There is one thing quite sure. This product is not paying 8% interest as the ordinary consumer understands it and so is misleading. 

I have complained it to the Financial Regulator. 

Brendan


----------



## ClubMan

Anybody able to scan, host and link to the ad in question? Or email a scan to _Brendan _and we/I will host it.


----------



## Guest126

It reminds me of the Ben Affleck movie - 'Boiler Room' - good show, don't touch the investment with a barge pool.


----------



## Brendan Burgess

It's a full page ad, but with very little text, so here goes...



> 8% Growth.
> Guaranteed.
> 
> That's an eye-opener
> 
> Guaranteed 8% Coupon
> Euro Medium-Term NOte(EMTN)
> 
> If you have money to set aside for 2 years,and you want to see 8% growth per annum,you could be one of the first private investors in this conditional capital Guaraneed bond.
> 
> +Guaranteed 8% coupon for two years
> +Guaranteed by an aa-rated bank(Voted Euromoney's "Best Global Bank 2006")
> +Only available to Helvetia Wealth Clients
> +No redemption or penalty fees after 18 months
> +Maturity 3 to 7 years
> +Daily liquidity and listed
> +Closing date 28th February 2007
> 
> 
> Helvetia Wealth(Liechtenstein) AG is authorised and regulated by the FMA. It is a Swiss and Liechhtenstein-based Wealth Creation and Asset Management Company. The company is authorised to operate in Ireland , Germany, Sweden and the UK.
> 
> This document, which constitutes a financial promotion, has been approved by Helvetia which is authorised and regulated by the FMA.


----------



## Brendan Burgess

It will be very interesting to see how long it takes the Financial Regulator to deal with this. 

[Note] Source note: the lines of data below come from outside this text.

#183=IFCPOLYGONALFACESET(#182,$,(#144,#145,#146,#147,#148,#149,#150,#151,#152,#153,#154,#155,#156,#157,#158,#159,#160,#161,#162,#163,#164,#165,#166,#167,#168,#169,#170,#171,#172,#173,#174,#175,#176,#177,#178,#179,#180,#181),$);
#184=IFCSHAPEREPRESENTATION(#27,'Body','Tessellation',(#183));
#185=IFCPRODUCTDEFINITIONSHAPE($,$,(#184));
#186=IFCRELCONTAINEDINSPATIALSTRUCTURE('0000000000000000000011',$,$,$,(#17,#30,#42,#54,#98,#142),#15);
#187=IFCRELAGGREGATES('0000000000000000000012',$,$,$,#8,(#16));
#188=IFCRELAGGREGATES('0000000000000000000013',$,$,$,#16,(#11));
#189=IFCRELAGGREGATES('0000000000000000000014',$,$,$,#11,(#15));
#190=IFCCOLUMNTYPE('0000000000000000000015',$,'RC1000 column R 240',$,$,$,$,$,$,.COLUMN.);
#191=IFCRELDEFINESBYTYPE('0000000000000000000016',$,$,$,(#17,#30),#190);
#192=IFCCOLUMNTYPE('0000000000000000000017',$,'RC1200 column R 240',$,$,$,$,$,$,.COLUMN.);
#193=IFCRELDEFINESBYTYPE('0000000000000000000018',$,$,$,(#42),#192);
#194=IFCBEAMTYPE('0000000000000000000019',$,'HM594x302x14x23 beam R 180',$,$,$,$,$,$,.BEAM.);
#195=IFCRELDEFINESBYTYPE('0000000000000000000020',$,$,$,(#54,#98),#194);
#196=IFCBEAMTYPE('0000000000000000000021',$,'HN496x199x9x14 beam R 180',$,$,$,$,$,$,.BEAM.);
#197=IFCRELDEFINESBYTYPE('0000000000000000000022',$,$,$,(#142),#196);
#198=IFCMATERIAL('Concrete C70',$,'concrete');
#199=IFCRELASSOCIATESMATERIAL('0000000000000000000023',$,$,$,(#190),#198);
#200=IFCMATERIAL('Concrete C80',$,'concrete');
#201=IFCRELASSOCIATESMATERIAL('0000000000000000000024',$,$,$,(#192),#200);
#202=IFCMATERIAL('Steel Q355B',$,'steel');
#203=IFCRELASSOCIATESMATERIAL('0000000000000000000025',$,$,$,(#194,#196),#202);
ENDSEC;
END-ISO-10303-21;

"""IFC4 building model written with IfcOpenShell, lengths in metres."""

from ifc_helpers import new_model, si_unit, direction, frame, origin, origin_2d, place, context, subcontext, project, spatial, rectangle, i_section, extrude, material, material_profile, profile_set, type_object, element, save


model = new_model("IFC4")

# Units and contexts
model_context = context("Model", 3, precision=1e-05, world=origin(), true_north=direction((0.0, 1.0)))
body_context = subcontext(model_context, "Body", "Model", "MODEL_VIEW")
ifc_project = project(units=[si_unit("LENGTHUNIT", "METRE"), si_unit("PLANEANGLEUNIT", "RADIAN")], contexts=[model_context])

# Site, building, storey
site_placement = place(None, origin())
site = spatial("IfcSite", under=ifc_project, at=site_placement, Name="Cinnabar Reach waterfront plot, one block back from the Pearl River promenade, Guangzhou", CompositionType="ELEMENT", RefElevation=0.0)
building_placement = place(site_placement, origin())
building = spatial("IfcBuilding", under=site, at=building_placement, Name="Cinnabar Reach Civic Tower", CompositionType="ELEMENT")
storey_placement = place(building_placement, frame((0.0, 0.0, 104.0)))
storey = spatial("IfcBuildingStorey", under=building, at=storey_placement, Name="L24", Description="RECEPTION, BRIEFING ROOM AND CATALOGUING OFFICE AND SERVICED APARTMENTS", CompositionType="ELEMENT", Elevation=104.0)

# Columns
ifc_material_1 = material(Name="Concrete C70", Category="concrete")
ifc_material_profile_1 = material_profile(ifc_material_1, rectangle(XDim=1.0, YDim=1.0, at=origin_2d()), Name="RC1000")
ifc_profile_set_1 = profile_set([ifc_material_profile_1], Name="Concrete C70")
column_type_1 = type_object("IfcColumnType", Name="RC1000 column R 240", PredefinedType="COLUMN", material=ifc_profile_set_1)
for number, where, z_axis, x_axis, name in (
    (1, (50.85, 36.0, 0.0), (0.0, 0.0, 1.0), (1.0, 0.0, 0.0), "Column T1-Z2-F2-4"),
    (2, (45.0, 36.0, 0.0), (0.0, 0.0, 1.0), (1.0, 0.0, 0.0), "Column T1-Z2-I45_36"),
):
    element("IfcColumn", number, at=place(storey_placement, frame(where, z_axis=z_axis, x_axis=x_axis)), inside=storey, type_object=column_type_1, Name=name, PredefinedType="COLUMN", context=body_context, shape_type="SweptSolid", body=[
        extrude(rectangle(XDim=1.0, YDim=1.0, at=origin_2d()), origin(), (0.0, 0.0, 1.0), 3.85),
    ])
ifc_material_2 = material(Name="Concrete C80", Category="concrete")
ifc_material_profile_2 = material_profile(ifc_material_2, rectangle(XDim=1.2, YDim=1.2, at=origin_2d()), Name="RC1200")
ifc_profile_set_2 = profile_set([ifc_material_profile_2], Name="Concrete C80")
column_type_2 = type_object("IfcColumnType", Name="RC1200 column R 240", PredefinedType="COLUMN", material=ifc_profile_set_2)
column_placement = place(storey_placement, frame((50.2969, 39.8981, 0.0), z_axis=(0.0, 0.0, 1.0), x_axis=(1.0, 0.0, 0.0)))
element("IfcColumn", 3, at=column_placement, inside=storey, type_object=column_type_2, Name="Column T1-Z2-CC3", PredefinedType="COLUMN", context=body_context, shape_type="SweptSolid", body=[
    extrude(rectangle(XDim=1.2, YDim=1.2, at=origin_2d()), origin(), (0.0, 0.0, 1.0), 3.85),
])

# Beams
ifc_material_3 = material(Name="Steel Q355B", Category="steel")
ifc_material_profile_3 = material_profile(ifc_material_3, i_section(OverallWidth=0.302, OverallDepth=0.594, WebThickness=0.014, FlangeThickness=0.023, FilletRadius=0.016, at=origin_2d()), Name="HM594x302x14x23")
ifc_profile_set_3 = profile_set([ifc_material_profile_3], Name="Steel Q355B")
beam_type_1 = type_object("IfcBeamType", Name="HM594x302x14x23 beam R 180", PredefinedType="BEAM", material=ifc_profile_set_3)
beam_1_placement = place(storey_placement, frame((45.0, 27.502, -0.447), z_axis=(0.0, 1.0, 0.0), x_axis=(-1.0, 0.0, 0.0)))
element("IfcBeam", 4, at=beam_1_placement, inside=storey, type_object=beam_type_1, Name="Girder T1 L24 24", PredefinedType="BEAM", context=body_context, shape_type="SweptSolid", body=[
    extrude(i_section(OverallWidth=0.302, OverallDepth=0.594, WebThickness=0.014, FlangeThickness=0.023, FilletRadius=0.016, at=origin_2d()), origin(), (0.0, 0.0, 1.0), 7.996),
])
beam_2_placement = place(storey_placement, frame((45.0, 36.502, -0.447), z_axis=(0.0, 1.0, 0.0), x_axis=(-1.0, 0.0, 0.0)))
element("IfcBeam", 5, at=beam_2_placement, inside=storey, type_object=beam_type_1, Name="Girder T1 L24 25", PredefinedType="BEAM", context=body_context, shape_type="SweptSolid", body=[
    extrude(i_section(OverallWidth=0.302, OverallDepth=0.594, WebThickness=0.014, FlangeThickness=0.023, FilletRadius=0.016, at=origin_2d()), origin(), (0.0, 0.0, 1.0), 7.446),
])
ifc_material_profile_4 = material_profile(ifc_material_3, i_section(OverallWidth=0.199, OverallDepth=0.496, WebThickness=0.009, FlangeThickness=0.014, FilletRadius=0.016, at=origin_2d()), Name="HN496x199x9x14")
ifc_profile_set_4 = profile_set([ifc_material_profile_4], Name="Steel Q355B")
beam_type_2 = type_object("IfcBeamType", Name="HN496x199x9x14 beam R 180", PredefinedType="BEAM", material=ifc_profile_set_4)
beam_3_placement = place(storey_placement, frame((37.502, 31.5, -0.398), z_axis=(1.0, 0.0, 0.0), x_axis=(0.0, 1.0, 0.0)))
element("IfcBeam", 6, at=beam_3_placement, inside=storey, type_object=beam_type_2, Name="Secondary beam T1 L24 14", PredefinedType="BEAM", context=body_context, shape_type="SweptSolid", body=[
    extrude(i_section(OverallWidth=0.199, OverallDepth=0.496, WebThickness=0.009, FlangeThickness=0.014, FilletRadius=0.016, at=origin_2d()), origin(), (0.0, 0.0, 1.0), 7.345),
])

My guess is that Helvetia will have attracted a lot of deposits before anything is done. 

It seems to have first appeared last Sunday and no action has been taken yet.

Brendan


----------



## max

I noticed them yesterday, they have advertising banners on examiner.ie, business section


----------



## ClubMan

Are they not at least supposed to quote the relevant _CAR_?


----------



## MugsGame

No -- it seems to be akin to a bond rather than a deposit account. 

3-5 year maturity would explain how they can "guarantee" a return only for first 2 years. Hard to square that with possibility of redemption after 18 months though. I guess the underlying value of the coupon may fall though, so you might get the 8% p.a. return, but could end up with just your capital back when you add everything up (hence the conditional capital guarantee whatever that means.).


----------



## babytooth

with regard to "car"...under "passporting" through the MiFID directive, a maximum harmonisation EU directive, all financial service providers have to confirm to the host country rules, this would be Germany in thier case (have a german based office) where this is not a prequisite. 

Paying a coupon of 8% means just that, an annual coupon of 8%, 8 euros for every 100 invested. Nothing to say that "car" must be published, as outlined by MiFID. It is a part of our new "Consumer Protection Code" but this doesn't operate cross border.

Also, an EMTN paying 8% coupon is totally plausible, guaranteed as it is linked through a credit linked note (ie a wrapped mtn and cds). It is high, as the spread appears large over the floating 2y swap rate.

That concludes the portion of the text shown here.